Research results improve the usability of high-performance materials in engines

A research team at the University of Kassel has gained new insights into the safety of high-performance materials used in aircraft engines. The results show that nickel-based materials retain their exceptional strength even under shock-like mechanical loads and high temperatures.

Airplane in the sky.Image: Gunnar Ries.
A four-engine passenger jet.

The research provides important foundations for the design of more robust and safer engine components in civil aviation and contributes to further improving flight safety in the long term.

The study was led by Prof. Benoit Merle from the Institute of Materials Engineering (Department of Mechanical Behavior of Materials) at the University of Kassel. An intermetallic phase (Ni₃Si) was investigated, which serves as a model material for so-called nickel-based superalloys that are used in aircraft engines.
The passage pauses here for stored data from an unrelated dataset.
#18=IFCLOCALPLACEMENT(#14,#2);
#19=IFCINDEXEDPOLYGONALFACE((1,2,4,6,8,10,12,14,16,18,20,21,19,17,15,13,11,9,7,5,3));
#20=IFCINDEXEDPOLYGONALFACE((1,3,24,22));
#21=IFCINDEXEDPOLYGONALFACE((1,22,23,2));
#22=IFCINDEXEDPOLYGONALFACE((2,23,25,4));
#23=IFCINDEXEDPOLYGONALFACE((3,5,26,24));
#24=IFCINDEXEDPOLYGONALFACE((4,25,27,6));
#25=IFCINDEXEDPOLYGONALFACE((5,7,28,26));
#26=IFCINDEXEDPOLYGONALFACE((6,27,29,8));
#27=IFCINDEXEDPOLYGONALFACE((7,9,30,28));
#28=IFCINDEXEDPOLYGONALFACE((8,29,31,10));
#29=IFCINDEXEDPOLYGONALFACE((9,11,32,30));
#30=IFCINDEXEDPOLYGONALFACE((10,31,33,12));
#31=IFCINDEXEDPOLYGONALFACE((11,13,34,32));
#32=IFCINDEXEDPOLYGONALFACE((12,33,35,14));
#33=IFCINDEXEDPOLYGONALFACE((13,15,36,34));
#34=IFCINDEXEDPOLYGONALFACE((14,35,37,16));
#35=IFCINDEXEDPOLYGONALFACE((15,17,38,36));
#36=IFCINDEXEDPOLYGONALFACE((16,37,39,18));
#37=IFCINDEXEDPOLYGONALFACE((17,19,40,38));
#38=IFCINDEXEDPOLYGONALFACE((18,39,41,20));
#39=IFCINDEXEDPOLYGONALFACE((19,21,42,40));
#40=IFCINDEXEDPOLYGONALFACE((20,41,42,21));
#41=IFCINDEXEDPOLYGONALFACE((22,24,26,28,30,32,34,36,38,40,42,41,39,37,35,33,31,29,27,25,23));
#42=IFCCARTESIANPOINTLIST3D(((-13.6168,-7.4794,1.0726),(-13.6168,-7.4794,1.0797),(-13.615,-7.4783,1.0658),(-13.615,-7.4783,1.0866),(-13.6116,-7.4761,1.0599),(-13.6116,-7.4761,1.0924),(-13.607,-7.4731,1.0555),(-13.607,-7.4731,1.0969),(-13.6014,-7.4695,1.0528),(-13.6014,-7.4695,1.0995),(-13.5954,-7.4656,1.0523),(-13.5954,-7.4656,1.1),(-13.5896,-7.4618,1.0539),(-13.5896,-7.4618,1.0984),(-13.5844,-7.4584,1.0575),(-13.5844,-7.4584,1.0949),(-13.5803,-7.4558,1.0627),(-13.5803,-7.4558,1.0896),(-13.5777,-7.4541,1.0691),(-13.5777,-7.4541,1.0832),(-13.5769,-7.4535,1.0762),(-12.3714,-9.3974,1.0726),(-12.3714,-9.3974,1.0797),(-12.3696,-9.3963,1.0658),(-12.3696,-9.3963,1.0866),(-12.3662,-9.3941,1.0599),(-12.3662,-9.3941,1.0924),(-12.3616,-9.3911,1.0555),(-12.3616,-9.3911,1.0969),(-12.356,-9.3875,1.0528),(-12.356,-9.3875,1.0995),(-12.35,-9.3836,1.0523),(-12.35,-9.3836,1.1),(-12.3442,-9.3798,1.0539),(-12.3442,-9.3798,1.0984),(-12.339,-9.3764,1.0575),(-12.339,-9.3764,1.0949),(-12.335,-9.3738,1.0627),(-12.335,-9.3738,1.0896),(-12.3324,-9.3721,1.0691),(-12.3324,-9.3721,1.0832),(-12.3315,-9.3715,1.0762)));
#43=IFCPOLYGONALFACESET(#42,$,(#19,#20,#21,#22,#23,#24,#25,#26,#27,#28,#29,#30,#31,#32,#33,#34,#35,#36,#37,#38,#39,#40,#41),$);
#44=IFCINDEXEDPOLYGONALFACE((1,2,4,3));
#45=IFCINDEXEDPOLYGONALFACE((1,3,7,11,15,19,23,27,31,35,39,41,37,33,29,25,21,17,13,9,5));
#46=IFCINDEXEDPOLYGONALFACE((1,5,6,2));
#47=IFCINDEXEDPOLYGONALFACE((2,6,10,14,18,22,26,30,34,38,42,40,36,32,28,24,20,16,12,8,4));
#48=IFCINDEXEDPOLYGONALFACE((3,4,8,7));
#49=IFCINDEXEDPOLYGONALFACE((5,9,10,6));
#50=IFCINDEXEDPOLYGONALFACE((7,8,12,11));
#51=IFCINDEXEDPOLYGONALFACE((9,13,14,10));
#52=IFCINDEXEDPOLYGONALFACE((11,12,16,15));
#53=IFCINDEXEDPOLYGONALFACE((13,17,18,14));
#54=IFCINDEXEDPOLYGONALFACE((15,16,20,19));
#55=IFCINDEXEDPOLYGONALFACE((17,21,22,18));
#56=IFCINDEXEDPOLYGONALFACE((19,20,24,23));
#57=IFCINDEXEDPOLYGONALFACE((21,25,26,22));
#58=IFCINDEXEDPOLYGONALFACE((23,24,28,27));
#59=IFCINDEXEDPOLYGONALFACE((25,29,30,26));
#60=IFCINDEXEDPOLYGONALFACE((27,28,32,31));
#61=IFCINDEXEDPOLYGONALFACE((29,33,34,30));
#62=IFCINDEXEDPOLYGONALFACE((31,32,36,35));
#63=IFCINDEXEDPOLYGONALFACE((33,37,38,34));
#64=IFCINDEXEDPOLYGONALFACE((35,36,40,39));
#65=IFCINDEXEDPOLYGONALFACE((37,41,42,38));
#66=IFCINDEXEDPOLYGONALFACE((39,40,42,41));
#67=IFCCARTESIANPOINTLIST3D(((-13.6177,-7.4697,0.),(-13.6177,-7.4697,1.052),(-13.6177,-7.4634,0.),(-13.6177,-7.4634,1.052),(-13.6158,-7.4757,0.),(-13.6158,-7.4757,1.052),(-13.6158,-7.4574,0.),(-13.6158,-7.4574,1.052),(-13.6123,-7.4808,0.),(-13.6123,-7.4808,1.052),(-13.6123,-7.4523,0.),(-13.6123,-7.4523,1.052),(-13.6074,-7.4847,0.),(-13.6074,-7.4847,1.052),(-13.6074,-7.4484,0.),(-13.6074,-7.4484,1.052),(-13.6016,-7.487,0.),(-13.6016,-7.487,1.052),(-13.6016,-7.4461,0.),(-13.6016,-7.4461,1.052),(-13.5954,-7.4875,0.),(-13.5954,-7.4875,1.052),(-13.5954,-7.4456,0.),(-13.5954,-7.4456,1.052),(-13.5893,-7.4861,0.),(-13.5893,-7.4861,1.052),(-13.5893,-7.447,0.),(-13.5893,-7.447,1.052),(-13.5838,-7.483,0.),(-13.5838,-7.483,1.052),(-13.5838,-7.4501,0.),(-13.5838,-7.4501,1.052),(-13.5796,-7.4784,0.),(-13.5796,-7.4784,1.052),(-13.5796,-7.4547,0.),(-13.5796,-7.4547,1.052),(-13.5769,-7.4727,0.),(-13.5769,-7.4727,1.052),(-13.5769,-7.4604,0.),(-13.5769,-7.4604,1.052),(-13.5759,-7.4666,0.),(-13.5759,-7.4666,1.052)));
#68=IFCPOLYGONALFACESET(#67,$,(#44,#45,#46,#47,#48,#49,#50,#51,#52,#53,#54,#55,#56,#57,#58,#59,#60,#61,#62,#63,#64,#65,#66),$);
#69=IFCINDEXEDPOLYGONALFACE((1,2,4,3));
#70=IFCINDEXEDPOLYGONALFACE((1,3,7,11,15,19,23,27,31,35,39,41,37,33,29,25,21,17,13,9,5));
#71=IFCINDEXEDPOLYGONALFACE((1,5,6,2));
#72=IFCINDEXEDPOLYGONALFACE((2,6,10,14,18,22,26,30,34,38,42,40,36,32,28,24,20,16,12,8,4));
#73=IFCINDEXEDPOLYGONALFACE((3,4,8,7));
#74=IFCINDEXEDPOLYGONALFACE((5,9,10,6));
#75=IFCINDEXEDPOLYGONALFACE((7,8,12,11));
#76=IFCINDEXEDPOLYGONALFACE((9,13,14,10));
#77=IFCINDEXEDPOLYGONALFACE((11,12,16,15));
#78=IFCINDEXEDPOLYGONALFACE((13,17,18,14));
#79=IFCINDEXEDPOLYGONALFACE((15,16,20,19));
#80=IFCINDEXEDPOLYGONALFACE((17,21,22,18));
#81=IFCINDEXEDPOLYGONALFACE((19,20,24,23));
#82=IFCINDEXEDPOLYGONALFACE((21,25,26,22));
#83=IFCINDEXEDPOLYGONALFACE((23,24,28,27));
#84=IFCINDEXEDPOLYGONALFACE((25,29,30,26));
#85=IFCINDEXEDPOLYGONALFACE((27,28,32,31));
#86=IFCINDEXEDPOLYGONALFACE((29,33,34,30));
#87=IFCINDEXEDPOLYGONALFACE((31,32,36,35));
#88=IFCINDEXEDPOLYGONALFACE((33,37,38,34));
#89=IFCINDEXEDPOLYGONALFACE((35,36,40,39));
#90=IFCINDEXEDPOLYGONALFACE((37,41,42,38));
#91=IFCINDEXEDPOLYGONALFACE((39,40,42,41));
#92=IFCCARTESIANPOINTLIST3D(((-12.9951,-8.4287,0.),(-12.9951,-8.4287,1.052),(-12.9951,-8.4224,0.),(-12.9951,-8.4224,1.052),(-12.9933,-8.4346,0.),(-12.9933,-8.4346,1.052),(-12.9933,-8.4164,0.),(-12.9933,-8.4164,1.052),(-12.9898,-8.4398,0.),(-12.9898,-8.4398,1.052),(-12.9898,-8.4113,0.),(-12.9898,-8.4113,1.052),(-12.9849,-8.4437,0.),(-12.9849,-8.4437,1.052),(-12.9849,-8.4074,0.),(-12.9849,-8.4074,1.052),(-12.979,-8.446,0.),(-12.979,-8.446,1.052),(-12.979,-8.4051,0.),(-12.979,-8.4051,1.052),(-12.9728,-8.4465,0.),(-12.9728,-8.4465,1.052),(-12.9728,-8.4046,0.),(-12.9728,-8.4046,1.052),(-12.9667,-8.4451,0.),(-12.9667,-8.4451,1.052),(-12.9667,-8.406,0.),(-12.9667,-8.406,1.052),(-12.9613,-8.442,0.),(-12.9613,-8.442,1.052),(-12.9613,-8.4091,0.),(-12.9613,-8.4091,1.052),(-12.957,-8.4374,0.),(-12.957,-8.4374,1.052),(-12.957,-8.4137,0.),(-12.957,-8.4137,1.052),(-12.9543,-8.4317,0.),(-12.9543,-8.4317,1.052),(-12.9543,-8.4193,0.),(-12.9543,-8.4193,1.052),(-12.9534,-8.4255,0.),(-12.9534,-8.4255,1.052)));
A special feature of these materials is the so-called yield stress anomaly: unlike ordinary metals, they initially become firmer as temperatures rise. This effect is crucial for the mechanical reliability of engines, as they are operated at extremely high temperatures (> 1000°C) for efficiency reasons, which would lead to softening in conventional metals.
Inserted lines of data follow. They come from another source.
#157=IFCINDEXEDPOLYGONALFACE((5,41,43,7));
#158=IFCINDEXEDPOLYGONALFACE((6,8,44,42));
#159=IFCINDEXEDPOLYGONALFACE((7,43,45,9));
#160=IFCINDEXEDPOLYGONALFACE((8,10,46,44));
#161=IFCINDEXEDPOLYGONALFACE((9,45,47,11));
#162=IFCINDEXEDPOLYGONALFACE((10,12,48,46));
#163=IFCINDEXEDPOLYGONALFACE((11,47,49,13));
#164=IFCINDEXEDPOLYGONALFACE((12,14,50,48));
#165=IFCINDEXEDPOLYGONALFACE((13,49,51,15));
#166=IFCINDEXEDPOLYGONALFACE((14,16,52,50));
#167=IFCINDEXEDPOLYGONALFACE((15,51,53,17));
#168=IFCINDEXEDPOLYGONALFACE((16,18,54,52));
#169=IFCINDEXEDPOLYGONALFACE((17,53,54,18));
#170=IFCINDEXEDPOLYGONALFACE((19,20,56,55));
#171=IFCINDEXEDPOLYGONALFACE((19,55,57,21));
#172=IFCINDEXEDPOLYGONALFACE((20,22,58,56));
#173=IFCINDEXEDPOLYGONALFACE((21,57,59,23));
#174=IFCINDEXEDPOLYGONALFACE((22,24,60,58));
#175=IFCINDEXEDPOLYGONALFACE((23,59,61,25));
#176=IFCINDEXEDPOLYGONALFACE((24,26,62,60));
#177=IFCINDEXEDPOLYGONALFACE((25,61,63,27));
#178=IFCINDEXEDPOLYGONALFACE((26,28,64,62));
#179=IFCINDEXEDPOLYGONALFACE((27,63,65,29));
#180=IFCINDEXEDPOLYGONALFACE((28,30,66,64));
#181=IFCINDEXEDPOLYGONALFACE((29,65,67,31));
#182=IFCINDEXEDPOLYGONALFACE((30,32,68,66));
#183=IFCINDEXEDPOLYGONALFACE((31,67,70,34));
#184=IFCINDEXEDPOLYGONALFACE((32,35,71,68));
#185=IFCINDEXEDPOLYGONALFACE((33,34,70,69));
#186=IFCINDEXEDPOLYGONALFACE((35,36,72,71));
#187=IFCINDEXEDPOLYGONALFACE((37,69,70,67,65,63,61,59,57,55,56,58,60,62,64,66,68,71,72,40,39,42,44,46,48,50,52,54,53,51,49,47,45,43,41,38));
Until now, however, it was unclear whether this central mechanism is also maintained under shock-like loads, such as those that can occur during bird strikes, debris impacts or hard landings. Using novel nanoindentation experiments - a method in which mechanical properties are measured in the nanometer range - the Kassel team was able to show that the yield stress anomaly persists even at high loading speeds and even extends into higher temperature ranges. The fact that this finding has now been confirmed improves the potential applications of these materials in engines.

The work was carried out in collaboration with Prof. George M. Pharr from Texas A&M University (USA), an internationally leading and highly cited expert in the field of nanomechanics of materials. The project was funded by the European Research Council (ERC) as part of the EU's Horizon 2020 research program (Grant Agreement No. 949626).

The results were published in the renowned international journal Acta Materialia: Merle et al: "High strain rate persistence of the strength anomaly in the L12 intermetallic compound Ni3Sievidenced by nanoindentation testing" (2025)
https://doi.org/10.1016/j.actamat.2024.120598

 

What does this mean in summary?

 

  • Unlike ordinary metals, nickel-based superalloys initially become stronger as temperatures rise.
  • Until now, however, it was unclear whether this central mechanism also remains intact under shock-like loads.
  • The Kassel research team has shown that the yield stress anomaly is also maintained at high loading rates.
  • This finding improves the application possibilities of these materials in engines.